HGVC MarBrisa in Carlsbad may be worth considering.  South of it would be the San Diego attractions (Sea World, San Diego Zoo, etc.), and north of it would be the Anaheim attractions (Disney, Knott's Berry Farm) -- all within shorter driving distance than it would be from the LAX (or Los Angeles County) area.


----------



## JudyS (Feb 22, 2015)

Rent_Share said:


> Whatever road was blocked could have also impacted access from San Diego
> 
> Normal commute traffic would never be that bad at any time of the day, only a traffic fatality on a two lane highway could create that commute time


Good to know; thanks.

I still wouldn't want to stay near LA if I were visiting attractions near San Diego.


----------



## dbdmora (Feb 22, 2015)

After talking to family, we plan on staying in San Diego for a couple of nights then driving back to stay in Anaheim for rest of vacation. 

Found a good deal (I believe) from Tugs marketplace site, worldmark Anaheim resort. 

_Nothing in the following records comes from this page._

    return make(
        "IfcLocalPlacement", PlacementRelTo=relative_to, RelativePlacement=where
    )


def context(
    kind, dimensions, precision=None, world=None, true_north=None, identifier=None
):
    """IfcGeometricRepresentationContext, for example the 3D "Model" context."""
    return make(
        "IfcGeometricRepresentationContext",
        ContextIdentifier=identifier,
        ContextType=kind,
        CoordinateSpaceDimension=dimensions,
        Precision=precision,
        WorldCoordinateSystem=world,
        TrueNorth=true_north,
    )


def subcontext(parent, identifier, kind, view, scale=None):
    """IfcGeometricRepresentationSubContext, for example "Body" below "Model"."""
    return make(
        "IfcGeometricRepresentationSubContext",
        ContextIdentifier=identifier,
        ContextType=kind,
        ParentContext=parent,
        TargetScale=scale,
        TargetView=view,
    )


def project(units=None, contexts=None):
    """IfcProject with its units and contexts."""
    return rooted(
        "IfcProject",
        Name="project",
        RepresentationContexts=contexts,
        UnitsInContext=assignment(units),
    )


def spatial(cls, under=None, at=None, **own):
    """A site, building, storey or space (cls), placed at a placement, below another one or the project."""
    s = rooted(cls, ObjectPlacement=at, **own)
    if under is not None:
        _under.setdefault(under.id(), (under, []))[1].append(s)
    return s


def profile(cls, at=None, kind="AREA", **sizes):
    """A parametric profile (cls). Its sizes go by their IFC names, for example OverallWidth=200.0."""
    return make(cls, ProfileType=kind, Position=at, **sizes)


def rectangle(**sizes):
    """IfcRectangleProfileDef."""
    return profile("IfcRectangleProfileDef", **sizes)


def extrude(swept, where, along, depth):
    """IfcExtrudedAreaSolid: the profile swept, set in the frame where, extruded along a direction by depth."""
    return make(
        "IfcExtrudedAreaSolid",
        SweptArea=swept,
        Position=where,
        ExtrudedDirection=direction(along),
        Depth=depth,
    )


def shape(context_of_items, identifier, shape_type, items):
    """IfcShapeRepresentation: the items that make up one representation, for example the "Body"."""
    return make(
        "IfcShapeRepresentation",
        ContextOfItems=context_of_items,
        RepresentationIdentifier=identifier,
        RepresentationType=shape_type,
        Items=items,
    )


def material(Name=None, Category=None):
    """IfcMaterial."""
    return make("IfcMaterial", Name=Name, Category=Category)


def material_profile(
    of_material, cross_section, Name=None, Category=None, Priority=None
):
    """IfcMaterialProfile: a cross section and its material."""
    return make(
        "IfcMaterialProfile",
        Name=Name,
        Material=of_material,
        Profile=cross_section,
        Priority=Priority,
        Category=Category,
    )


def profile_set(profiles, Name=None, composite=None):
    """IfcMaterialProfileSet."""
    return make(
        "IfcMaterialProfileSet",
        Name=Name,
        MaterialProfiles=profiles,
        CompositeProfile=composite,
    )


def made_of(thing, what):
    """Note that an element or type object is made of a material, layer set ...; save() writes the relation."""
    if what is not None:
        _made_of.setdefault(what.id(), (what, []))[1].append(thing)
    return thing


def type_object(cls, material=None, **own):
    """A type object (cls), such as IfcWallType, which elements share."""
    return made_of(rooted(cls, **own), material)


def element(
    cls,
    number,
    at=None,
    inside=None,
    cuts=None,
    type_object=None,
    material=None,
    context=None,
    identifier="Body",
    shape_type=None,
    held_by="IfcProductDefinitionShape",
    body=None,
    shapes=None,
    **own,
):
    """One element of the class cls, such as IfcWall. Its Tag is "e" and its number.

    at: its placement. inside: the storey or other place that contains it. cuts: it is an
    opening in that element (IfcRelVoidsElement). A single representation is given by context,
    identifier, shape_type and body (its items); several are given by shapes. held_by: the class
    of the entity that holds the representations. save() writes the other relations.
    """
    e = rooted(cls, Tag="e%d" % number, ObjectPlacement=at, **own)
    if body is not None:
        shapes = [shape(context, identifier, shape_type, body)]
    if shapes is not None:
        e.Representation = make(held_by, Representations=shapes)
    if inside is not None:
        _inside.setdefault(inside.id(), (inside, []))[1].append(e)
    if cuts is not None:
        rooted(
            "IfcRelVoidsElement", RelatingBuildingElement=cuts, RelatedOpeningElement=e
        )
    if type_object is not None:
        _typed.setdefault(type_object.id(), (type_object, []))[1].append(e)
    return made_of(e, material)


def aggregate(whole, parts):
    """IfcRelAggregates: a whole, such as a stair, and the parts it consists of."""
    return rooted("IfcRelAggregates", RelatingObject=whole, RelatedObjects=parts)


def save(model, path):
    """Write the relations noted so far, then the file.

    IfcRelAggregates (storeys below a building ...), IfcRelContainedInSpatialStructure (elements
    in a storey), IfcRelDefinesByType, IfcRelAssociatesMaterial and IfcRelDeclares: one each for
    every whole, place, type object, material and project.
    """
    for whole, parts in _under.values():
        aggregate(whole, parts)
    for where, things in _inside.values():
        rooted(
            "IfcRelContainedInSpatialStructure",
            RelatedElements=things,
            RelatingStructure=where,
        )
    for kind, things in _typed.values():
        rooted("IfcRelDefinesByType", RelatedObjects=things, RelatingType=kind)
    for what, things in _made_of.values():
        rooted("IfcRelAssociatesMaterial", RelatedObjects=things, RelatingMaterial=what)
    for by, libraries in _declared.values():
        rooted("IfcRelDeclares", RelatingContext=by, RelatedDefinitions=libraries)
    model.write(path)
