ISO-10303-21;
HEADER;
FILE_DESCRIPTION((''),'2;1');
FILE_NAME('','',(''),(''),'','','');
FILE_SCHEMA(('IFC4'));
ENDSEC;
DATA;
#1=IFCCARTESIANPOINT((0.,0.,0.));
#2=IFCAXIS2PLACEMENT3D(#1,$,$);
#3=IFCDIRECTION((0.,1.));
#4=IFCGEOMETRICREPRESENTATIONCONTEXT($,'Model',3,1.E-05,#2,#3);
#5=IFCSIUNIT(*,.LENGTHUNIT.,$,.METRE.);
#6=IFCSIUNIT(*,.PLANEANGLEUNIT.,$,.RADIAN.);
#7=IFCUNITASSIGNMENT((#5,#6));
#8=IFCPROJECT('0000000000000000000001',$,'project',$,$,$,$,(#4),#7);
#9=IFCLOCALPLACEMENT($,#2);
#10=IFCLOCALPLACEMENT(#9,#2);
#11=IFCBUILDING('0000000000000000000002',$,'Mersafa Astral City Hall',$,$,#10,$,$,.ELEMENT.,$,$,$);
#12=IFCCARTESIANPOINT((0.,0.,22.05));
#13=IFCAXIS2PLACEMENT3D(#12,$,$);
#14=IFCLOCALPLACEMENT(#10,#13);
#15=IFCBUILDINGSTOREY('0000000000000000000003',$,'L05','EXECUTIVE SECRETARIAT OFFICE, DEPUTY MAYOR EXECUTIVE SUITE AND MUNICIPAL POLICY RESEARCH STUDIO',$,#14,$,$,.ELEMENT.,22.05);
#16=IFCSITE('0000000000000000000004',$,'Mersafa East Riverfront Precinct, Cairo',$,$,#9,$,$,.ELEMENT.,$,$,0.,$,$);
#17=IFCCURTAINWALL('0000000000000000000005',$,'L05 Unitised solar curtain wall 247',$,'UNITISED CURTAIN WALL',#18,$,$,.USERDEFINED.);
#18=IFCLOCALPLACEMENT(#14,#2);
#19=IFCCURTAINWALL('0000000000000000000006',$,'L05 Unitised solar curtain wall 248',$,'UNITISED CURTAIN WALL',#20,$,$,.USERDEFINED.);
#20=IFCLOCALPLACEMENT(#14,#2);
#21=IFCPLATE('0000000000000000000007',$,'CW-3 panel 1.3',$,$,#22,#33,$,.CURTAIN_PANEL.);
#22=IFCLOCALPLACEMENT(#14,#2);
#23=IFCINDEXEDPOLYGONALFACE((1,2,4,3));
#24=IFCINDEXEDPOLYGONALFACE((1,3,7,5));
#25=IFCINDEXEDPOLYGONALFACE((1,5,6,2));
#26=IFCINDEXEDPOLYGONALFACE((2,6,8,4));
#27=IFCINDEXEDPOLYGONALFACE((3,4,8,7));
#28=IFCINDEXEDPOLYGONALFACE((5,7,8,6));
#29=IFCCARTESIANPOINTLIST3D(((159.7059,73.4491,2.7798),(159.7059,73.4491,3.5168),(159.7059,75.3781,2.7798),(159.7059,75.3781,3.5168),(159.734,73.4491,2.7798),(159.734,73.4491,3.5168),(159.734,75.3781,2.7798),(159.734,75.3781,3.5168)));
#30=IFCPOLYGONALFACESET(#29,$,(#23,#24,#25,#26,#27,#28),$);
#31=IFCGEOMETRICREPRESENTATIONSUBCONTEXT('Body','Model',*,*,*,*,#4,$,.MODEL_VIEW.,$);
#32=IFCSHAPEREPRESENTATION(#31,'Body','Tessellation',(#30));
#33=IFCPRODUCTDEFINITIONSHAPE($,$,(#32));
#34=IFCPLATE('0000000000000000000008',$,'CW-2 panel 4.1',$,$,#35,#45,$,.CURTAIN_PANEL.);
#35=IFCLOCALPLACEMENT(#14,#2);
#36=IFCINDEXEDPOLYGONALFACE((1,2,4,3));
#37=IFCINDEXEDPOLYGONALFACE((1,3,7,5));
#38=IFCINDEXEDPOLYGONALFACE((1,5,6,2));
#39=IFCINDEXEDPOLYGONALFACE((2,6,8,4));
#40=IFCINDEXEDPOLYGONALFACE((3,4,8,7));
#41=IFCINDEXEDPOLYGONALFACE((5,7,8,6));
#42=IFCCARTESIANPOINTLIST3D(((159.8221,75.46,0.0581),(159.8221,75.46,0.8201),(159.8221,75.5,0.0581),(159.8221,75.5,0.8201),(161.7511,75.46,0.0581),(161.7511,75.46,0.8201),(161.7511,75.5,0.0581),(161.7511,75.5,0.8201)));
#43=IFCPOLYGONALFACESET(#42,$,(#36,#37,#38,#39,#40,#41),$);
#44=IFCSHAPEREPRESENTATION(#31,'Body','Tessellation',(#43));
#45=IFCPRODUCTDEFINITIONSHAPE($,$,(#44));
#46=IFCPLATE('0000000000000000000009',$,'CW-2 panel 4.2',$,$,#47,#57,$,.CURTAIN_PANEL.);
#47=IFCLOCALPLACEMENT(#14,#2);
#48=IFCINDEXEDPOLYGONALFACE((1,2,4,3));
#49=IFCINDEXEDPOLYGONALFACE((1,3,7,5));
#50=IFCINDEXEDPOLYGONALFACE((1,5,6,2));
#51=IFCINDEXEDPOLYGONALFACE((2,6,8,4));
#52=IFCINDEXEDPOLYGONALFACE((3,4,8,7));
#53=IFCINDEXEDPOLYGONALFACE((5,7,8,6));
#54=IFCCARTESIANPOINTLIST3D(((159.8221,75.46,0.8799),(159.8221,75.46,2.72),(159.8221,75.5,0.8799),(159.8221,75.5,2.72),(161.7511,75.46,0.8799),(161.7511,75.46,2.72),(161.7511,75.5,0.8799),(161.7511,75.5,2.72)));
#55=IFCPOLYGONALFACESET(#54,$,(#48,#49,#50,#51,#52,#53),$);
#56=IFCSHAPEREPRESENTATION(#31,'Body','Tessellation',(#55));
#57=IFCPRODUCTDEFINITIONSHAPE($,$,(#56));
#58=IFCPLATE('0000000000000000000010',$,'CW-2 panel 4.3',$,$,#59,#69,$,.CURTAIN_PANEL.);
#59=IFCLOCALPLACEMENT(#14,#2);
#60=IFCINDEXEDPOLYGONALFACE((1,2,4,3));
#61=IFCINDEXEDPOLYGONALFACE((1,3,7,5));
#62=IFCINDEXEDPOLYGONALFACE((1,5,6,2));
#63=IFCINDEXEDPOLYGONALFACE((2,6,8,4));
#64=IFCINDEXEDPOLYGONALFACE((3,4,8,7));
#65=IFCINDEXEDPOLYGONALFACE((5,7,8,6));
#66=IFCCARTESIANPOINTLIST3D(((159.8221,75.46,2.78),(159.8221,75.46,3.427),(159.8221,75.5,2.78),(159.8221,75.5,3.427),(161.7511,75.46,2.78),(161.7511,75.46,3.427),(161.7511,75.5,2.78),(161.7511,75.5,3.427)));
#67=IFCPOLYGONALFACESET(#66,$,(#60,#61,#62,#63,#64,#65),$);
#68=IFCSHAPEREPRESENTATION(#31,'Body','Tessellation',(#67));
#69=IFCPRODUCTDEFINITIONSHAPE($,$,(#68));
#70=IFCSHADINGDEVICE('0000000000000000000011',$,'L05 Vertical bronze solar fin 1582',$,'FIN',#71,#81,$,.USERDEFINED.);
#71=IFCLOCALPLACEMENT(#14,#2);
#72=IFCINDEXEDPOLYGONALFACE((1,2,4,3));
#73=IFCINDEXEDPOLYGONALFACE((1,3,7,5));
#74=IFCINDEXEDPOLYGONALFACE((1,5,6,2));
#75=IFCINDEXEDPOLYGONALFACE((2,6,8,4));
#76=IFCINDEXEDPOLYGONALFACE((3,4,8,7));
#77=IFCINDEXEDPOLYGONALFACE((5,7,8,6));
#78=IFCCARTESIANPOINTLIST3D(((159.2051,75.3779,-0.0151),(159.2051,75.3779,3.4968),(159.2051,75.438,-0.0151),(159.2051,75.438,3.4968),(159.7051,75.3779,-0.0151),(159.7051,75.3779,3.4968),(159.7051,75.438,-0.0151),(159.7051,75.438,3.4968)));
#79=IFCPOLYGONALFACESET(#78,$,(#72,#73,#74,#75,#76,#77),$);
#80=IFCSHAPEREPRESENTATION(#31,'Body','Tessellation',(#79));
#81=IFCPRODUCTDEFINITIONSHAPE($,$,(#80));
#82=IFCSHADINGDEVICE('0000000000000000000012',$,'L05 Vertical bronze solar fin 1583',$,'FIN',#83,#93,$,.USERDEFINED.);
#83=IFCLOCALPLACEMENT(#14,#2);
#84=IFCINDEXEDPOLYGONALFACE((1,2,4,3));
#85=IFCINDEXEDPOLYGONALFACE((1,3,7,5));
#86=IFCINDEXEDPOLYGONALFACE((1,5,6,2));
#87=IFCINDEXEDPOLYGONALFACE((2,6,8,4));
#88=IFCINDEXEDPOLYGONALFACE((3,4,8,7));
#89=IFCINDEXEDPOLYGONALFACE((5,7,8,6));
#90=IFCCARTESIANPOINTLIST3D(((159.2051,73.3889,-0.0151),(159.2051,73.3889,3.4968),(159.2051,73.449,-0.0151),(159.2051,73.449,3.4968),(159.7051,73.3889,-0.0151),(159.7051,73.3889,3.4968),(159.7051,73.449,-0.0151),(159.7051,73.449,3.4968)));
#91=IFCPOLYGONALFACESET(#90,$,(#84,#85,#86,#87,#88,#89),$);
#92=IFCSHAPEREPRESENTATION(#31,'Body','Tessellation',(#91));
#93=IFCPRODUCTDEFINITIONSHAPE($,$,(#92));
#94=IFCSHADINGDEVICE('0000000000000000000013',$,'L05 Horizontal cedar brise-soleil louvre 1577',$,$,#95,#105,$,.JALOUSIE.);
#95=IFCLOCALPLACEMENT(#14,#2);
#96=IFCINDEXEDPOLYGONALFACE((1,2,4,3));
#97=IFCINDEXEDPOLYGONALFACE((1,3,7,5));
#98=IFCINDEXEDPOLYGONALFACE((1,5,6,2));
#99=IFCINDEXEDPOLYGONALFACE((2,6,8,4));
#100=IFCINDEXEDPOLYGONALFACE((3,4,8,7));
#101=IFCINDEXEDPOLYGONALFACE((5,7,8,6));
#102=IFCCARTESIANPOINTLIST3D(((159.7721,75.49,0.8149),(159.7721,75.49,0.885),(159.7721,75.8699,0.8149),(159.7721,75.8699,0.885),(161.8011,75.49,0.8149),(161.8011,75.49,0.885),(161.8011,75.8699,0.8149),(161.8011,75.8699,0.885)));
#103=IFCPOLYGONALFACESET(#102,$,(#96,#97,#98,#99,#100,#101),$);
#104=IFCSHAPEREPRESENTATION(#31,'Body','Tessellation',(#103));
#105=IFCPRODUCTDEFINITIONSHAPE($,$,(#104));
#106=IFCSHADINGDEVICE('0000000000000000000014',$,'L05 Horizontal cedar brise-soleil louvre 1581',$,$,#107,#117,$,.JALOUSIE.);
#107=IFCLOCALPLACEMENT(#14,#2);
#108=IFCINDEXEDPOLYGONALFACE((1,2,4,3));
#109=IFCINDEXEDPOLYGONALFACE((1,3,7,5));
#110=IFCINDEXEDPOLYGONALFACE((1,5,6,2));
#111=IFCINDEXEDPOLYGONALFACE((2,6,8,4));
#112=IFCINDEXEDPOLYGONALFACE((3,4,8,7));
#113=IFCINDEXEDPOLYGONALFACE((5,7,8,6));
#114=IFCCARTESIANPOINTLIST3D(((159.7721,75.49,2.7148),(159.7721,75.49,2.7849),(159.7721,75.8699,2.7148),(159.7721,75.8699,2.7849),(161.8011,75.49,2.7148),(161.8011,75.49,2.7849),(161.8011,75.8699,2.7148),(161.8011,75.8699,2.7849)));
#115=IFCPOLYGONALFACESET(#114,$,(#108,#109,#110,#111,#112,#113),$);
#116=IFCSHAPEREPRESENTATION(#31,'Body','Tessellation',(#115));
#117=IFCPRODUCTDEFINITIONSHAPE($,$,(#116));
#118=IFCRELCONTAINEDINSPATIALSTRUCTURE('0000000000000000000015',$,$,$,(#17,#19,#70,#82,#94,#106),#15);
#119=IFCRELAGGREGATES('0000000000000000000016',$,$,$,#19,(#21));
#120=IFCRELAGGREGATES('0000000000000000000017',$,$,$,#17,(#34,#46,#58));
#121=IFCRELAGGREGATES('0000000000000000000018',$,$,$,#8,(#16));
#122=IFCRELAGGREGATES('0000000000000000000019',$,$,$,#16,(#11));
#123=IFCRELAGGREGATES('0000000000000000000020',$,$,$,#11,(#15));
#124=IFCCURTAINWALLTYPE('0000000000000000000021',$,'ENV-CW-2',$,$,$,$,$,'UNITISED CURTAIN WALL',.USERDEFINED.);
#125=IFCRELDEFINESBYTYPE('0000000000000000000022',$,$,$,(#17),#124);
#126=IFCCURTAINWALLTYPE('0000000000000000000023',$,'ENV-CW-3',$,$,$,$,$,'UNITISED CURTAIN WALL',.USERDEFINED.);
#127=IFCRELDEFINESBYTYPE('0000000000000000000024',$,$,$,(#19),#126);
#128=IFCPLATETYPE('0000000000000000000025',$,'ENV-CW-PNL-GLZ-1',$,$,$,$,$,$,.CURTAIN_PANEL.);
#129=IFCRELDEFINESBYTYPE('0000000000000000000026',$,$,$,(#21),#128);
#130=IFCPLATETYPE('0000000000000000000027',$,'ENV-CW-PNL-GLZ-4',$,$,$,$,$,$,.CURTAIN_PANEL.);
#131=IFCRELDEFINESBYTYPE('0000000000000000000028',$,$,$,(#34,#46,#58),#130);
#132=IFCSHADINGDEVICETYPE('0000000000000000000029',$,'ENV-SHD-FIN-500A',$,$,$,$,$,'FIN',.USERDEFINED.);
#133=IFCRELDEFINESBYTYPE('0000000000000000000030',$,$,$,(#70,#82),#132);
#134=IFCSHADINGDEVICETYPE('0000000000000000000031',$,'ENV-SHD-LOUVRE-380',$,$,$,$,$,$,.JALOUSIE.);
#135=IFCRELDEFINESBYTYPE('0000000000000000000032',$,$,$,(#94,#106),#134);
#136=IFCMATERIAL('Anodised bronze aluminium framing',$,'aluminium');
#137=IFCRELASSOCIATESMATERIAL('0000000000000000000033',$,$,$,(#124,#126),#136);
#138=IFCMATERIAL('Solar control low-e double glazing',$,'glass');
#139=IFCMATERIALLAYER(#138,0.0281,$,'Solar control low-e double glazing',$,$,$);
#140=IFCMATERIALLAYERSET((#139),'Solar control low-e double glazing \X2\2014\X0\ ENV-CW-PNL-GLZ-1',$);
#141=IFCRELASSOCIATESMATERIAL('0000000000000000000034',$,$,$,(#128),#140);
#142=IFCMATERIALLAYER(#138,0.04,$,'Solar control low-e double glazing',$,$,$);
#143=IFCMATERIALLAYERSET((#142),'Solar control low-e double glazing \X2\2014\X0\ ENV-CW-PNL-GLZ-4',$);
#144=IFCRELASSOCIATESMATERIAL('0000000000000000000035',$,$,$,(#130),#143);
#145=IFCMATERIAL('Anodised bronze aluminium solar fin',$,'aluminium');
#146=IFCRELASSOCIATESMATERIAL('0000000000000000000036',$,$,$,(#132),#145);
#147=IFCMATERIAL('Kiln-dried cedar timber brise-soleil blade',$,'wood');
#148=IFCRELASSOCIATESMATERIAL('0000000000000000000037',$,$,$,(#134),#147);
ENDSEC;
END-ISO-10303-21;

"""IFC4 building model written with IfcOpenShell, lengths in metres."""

from ifc_helpers import new_model, si_unit, direction, frame, origin, origin_2d, place, context, subcontext, project, spatial, rectangle, extrude, material, layer, layer_set, type_object, element, aggregate, save


model = new_model("IFC4")

# Units and contexts
model_context = context("Model", 3, precision=1e-05, world=origin(), true_north=direction((0.0, 1.0)))
body_context = subcontext(model_context, "Body", "Model", "MODEL_VIEW")
ifc_project = project(units=[si_unit("LENGTHUNIT", "METRE"), si_unit("PLANEANGLEUNIT", "RADIAN")], contexts=[model_context])

# Site, building, storey
site_placement = place(None, origin())
site = spatial("IfcSite", under=ifc_project, at=site_placement, Name="Mersafa East Riverfront Precinct, Cairo", CompositionType="ELEMENT", RefElevation=0.0)
building_placement = place(site_placement, origin())
building = spatial("IfcBuilding", under=site, at=building_placement, Name="Mersafa Astral City Hall", CompositionType="ELEMENT")
storey_placement = place(building_placement, frame((0.0, 0.0, 22.05)))
storey = spatial("IfcBuildingStorey", under=building, at=storey_placement, Name="L05", Description="EXECUTIVE SECRETARIAT OFFICE, DEPUTY MAYOR EXECUTIVE SUITE AND MUNICIPAL POLICY RESEARCH STUDIO", CompositionType="ELEMENT", Elevation=22.05)

# Curtain wall
ifc_material_1 = material(Name="Anodised bronze aluminium framing", Category="aluminium")
curtain_wall_type_1 = type_object("IfcCurtainWallType", Name="ENV-CW-2", ElementType="UNITISED CURTAIN WALL", PredefinedType="USERDEFINED", material=ifc_material_1)
curtain_wall_1_placement = place(storey_placement, origin())
curtain_wall_1 = element("IfcCurtainWall", 1, at=curtain_wall_1_placement, inside=storey, type_object=curtain_wall_type_1, Name="L05 Unitised solar curtain wall 247", ObjectType="UNITISED CURTAIN WALL", PredefinedType="USERDEFINED")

Now to see which resorts are available for rent Fri-Sun near San Diego.


----------



## mdurette (Feb 22, 2015)

We are just home from a similar trip.

Our plan was 2 nights in Anaheim an then 6 in San Diego.    Fly into LAX (cheaper) and out of SAN.   Lucky for me, airline changed our flight into LAX and allowed me to switch to SNA at no cost.

What we did:

Fly in SNA - only about 20 minute drive to Fairfield Inn in Anaheim.  Across the street from Disneyland.   (cost $159 per night with free parking and a $25 Disney gift card).   Just a hotel room - but we only stayed for two nights.

Arrival Day:   Downtown Disney - Anna/Elsa Boutique, window shopping and dinner.

Day 2:  Disneyland - spent 13 hours there!

Day 3:  California Adventure - stayed until 5:30 then hit the road to San Diego.  About 90 minute drive - no traffic.  (sunday)   We got a trade via RCI into Worldmark San Diego Mission Valley.   Nothing fancy - but friendly staff and clean.  2 BR and 2 Bath.   Said it slept 6 - but personally I think more than 4 was pushing it to be comfortable in living/kitchen areas.   Great location as a home base to all we did.  

Day 4:  Sea World

Day 5:  Resort in morning - then spent the afternoon with a professional sandcastle maker that was hired to show us how to make awesome sandcastles.

Day 6:  Midway Museum,  lunch on the water front then off to LaJolla beach to see the seals and tide pools and dinner with awesome sunset.

Day 7:  San Diego Zoo.   

Day 8:  Resort time - pool, movies, relax

We were 3 adults and 1 9 YO.    Feel free to ask any questions!


----------